6-    LA CIENAGA DEL REMOLINO

            En el otro lado del sumidero, también la corriente fluía hacía él.

            Avanzaban maravillados por el caño, cada vez más amplio. La corriente en su contra, disminuyó, hasta hacerse apenas perceptible; en las orillas árboles de tierra firme, añosos y enormes, anunciaban las tierras altas, libres de la  maldición periódica de las inundaciones.

            El niño sintió que el agua olía a pescado, reventaba de vida. La golpeó fuertemente con el plano del canalete, y una nube de sardinas plateadas saltó asustada fuera del agua; dos o tres de ellas cayeron den­tro de la canoa, abriendo las branquias y los ojos; volvió a golpear una y otra vez, hasta conseguir un totumo de pescaditos brillantes.

            Se sentía bien allí, remando bajo el sol, en un agua casi sin corriente, pescando sardinas. Todo lo demás, el pueblo, la madre y su grito de muerte, el mismo Animal, no eran sino un recuerdo lejano, difícil bajo este sol que deslumbra y adormece. El niño, como un animal de la selva, no tiene historia, ni pasado, tan sólo el momento de la vida presente.

            La corriente cesó por completo, y ante ellos se abrió la amplitud de una ciénaga.

            El padre miró el sol que caía en el horizonte, y eligió una isla alta ante ellos, allí donde una ceiba gigantesca hería el cielo.     
            - Vamos a dormir allí.

            Las orillas de la isla eran bajas, arenosas, rodeadas de un caldo vivo de maraña flotante.

            Se entendían sin palabras. Mientras el padre desbrozaba la maleza entre la bamba laminar del árbol, el niño hizo fuego y puso a cocinar una olla con plátanos y sardinas. En todo el día no había comido sino plátano maduro, y ante la olla humeante sintió su hambre como un gozo.

            Soltó los marranos. Se movieron torpemente  al principio, con las patas entumecidas; luego se dedicaron furiosamente a hozar. Con la última luz, los vieron meterse en el agua, bañarse y devorar el chuscal de la orilla.

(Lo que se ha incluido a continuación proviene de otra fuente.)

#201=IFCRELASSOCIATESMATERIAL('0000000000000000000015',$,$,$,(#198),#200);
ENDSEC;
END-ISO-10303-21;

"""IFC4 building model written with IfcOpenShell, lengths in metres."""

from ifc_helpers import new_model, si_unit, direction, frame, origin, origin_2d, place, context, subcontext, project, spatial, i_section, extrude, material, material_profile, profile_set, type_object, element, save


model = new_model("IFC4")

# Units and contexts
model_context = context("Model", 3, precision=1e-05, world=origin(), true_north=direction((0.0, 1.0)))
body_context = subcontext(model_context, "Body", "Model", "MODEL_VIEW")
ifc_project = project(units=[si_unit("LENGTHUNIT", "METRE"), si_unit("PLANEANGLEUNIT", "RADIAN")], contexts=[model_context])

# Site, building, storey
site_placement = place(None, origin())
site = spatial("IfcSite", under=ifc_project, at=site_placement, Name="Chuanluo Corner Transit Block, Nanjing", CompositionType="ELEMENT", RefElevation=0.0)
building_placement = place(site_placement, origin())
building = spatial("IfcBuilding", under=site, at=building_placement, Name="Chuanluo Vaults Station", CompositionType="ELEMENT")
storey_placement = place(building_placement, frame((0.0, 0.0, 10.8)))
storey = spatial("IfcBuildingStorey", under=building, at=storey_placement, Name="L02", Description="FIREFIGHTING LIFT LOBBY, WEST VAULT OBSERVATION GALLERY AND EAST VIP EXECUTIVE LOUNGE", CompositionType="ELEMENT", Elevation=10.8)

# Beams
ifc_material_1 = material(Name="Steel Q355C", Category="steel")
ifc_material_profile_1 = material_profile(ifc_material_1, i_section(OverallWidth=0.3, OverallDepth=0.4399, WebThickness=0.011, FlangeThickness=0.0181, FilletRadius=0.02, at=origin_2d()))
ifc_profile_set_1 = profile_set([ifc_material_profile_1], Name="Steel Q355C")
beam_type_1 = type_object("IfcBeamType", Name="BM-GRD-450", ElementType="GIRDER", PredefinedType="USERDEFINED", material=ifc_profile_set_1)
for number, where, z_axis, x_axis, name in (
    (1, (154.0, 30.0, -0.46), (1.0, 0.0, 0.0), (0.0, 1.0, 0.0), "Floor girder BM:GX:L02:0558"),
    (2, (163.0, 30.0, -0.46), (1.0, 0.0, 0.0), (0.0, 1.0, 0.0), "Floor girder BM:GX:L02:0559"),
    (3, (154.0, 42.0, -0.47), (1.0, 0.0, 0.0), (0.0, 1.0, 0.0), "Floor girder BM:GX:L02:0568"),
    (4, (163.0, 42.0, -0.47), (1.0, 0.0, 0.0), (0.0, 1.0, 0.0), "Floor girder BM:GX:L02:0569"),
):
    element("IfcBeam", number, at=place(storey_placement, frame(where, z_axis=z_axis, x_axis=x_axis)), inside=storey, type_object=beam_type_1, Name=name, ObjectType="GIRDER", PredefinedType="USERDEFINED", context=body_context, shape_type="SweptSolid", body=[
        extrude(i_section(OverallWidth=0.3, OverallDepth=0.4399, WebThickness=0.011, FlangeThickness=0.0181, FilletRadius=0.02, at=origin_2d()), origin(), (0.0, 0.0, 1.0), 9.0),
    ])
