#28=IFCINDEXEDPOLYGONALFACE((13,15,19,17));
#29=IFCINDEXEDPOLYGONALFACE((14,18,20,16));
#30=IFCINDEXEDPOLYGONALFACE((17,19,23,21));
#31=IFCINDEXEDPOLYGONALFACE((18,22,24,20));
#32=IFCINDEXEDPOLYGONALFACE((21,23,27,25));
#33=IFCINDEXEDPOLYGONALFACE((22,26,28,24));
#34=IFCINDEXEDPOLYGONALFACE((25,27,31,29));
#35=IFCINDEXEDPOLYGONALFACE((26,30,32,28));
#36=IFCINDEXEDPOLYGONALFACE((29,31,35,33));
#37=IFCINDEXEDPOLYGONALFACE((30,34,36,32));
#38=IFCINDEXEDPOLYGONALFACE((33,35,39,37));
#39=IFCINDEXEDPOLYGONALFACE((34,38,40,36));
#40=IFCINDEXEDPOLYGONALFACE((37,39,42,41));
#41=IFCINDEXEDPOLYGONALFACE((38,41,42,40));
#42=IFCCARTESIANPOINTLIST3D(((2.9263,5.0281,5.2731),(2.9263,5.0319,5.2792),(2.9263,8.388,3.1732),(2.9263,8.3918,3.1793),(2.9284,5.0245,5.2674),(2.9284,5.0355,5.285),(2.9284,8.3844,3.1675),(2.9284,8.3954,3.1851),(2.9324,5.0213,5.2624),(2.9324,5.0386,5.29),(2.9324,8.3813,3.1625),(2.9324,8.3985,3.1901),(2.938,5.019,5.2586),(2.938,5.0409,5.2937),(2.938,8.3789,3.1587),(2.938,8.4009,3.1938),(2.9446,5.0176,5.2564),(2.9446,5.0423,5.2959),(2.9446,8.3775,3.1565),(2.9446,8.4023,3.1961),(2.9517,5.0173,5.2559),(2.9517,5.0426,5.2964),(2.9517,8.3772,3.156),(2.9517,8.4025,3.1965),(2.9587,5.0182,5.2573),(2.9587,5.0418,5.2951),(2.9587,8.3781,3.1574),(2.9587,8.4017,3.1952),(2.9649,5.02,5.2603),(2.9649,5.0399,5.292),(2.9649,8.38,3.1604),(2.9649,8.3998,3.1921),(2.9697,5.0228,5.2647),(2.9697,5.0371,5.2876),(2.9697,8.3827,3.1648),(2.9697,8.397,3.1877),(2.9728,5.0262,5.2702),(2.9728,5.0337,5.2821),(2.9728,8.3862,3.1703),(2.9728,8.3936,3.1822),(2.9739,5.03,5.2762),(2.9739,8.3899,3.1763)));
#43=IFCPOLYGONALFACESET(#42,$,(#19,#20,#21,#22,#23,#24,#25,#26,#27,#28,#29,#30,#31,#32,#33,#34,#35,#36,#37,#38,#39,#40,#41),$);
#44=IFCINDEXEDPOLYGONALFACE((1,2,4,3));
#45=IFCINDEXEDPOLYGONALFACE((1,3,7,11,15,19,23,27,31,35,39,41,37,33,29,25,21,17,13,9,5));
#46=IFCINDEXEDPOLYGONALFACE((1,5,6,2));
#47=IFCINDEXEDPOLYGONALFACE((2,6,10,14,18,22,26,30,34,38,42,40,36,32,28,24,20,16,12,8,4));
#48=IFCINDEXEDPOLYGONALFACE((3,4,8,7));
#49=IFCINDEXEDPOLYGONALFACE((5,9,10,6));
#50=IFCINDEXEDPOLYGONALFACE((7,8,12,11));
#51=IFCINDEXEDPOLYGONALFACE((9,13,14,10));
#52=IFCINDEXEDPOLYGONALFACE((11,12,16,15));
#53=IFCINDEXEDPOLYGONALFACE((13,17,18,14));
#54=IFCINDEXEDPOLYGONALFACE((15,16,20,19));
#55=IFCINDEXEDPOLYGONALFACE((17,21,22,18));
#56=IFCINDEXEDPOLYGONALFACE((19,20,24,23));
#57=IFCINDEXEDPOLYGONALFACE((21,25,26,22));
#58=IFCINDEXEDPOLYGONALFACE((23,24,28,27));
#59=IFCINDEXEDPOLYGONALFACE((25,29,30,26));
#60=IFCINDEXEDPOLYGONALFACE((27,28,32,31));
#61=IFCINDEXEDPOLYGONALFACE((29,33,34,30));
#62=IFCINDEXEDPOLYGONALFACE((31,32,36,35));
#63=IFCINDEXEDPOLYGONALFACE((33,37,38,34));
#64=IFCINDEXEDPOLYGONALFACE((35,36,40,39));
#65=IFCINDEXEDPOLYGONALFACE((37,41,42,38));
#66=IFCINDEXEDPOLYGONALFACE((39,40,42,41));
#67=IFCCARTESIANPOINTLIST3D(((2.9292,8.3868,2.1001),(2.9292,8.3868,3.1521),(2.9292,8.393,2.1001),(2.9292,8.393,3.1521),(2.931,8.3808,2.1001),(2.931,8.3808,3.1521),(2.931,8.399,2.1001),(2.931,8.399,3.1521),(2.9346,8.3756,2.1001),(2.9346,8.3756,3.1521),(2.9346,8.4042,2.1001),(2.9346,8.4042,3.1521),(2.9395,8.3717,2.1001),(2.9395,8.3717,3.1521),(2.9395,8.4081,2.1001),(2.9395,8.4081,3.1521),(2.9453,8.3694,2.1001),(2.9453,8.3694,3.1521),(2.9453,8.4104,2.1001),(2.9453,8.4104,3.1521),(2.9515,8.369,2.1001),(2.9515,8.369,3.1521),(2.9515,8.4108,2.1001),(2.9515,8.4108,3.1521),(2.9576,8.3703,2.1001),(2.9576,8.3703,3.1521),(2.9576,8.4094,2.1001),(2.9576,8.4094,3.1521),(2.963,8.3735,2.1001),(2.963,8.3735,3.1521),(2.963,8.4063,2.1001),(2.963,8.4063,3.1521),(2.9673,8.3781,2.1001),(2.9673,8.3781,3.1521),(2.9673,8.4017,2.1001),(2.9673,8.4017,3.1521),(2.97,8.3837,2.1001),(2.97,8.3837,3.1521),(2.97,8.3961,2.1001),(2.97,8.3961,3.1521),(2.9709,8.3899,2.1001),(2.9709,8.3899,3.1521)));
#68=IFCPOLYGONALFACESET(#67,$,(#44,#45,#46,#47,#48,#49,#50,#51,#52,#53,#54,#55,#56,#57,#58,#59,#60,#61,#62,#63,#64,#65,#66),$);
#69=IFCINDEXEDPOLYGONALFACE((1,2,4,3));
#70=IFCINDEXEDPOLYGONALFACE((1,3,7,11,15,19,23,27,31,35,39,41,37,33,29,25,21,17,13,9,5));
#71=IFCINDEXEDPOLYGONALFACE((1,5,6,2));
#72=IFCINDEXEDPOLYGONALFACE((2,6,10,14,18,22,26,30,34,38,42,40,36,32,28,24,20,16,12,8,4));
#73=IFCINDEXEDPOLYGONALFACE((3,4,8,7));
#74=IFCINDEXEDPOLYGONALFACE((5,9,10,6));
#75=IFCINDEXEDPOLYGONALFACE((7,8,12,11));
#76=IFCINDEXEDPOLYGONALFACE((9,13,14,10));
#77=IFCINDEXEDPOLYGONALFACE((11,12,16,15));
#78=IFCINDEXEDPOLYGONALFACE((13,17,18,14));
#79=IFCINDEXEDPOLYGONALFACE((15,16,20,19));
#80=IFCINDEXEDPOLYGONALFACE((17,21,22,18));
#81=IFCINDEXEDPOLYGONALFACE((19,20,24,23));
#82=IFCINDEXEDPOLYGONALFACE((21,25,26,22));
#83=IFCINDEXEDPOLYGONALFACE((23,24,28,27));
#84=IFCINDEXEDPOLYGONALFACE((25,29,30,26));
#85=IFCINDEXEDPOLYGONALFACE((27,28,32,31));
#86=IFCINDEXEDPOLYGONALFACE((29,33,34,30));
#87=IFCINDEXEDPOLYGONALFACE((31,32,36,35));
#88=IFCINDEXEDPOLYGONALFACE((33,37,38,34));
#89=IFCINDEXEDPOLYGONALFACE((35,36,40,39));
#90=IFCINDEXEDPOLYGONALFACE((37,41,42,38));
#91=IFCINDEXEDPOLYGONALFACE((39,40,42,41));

            El padre había preparado una chocita para pasar la noche: cuatro palos clavados en el suelo, sostenían un piso endeble, a medio metro del suelo, a salvo de culebras e insectos rastreros; arriba unas grandes hojas de rascadera intentaban servir de resguardo contra el aguacero; las grandes raíces laminares de la ceiba eran protección contra el viento.

            El niño terminó de bruñir el fondo vacío de la olla, se restregó las manos sobre los muslos desnudos, colgó la olla vacía lejos del alcance de los marranos, se acomodó sobre el ramaje del piso, volteó, y se quedó bruscamente dormido, con un sueño agotado y profundo, sin alcanzar a oír el aguacero que ya empezaba a caer.

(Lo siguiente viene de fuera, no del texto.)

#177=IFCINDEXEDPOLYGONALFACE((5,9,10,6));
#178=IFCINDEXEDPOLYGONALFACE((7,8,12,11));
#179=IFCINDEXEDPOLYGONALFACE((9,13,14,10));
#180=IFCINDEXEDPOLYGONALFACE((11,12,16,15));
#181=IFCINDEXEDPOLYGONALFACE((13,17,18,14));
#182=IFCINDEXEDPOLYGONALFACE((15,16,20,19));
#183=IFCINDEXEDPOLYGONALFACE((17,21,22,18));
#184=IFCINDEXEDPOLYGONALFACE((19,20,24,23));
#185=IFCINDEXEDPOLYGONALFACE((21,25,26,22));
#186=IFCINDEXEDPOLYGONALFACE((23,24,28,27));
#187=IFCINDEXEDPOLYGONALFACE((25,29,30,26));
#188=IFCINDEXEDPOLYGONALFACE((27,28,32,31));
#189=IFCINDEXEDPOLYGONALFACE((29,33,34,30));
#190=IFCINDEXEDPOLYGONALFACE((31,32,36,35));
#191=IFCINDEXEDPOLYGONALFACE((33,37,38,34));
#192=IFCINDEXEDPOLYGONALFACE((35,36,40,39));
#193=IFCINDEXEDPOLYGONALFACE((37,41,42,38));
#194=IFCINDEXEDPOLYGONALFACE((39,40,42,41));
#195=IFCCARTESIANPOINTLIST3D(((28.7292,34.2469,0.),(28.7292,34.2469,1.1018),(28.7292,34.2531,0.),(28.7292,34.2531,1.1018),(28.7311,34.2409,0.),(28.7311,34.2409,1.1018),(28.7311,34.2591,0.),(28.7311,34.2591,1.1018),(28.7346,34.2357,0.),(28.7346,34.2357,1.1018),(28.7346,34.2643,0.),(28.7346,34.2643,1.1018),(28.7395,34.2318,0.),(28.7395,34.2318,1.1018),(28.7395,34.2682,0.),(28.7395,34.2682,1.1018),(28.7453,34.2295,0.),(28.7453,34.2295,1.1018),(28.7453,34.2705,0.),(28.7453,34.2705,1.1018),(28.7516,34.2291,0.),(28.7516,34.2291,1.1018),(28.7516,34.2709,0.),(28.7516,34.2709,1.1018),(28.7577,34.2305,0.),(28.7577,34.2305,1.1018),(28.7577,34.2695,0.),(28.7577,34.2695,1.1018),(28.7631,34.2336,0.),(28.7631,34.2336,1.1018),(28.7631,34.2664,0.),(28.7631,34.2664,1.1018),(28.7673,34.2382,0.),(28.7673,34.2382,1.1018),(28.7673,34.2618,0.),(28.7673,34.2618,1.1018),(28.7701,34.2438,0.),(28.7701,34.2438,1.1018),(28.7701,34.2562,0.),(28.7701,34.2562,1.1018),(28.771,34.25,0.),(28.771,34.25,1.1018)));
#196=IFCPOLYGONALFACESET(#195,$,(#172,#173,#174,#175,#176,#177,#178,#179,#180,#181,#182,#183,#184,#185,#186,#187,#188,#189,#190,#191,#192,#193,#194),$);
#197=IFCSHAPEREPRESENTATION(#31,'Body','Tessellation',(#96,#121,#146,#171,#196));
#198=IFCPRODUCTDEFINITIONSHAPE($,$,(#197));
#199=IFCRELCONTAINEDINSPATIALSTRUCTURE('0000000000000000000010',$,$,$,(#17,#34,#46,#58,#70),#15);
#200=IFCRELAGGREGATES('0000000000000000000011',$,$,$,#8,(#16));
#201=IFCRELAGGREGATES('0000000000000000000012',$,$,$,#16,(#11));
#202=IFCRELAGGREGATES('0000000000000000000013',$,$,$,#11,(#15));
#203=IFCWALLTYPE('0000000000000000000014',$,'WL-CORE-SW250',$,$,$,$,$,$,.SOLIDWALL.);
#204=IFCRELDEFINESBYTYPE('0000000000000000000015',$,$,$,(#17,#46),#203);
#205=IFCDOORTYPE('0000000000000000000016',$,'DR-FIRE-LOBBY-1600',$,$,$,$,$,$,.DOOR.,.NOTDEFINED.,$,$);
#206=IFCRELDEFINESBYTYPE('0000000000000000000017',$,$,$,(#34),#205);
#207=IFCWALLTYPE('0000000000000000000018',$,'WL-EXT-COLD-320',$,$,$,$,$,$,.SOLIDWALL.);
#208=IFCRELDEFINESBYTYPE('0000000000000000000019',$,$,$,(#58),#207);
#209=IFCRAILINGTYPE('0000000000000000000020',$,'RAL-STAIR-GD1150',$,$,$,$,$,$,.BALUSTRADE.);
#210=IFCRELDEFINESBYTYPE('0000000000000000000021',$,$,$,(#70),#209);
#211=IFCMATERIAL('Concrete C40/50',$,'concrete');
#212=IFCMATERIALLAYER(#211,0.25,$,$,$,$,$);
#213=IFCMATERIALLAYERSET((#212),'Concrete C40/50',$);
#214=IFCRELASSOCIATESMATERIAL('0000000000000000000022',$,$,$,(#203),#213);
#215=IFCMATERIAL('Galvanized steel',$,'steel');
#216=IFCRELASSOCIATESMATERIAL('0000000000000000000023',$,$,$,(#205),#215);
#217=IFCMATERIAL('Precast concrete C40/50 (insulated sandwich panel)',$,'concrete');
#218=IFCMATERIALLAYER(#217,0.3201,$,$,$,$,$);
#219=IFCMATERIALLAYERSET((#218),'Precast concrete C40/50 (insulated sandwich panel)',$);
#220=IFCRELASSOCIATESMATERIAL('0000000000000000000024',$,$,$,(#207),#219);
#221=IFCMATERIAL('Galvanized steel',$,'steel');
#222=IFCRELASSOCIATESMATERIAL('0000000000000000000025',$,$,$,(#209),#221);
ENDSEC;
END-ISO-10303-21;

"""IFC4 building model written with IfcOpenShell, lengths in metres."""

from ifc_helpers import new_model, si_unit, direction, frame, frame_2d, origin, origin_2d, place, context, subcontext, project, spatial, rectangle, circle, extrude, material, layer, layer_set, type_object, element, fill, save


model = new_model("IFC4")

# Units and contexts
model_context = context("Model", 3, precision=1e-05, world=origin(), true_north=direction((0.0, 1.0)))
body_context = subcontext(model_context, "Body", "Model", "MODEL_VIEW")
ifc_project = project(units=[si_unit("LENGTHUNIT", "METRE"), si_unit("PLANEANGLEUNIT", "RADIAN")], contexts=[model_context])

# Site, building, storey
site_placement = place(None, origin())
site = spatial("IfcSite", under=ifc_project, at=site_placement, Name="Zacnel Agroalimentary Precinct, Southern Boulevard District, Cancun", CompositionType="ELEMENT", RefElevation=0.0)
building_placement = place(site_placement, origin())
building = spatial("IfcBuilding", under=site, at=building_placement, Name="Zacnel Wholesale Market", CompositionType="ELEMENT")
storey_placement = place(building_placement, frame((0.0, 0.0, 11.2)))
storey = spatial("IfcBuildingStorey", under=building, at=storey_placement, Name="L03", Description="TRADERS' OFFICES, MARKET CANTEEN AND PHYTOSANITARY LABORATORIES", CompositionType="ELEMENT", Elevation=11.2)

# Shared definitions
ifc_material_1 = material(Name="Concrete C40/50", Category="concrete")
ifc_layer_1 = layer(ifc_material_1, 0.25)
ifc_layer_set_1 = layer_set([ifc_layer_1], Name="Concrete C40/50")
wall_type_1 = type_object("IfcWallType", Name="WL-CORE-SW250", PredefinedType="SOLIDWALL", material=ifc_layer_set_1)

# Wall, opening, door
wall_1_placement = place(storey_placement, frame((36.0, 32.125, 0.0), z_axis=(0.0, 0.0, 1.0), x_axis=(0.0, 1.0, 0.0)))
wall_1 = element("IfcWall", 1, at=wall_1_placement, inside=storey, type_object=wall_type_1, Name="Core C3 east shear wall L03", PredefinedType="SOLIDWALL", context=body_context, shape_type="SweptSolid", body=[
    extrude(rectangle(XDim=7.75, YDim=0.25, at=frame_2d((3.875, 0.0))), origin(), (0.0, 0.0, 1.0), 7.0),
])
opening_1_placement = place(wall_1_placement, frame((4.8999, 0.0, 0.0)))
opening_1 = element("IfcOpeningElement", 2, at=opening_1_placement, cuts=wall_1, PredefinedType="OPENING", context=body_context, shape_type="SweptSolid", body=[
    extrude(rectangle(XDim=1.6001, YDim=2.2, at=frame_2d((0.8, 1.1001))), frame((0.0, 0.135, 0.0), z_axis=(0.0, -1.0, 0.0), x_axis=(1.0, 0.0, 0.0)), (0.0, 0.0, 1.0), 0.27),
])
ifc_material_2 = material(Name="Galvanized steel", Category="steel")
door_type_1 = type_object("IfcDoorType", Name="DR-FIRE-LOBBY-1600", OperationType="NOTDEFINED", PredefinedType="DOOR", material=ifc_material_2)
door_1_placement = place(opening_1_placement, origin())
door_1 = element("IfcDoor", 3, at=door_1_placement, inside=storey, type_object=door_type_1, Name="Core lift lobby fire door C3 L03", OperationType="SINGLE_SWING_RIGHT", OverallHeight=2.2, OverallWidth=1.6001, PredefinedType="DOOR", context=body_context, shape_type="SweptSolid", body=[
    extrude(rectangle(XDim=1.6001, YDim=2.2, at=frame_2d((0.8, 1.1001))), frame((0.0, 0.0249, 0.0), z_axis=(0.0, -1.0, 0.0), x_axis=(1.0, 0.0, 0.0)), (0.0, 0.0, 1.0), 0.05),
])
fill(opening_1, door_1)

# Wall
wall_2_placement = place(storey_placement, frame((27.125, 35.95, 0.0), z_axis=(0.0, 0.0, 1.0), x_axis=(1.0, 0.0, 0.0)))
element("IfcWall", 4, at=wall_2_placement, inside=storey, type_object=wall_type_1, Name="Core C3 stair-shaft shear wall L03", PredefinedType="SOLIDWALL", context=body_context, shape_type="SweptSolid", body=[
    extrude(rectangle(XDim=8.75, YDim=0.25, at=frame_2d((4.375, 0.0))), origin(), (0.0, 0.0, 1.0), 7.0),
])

            El hombre colgó su machete al alcance de la mano, y se acomodó junto al niño, pero no le fue fácil dormir bajo las emociones intensas. En la media noche de su duermevela, se levantó para añadir unos gruesos troncos al fuego que se apagaba bajo la lluvia. Nunca supo que aquel fuego que alimentaba con la esperanza de que llegara al amanecer habría de permanecer encendido para  siempre, y que sería el último vestigio de su paso por la vida.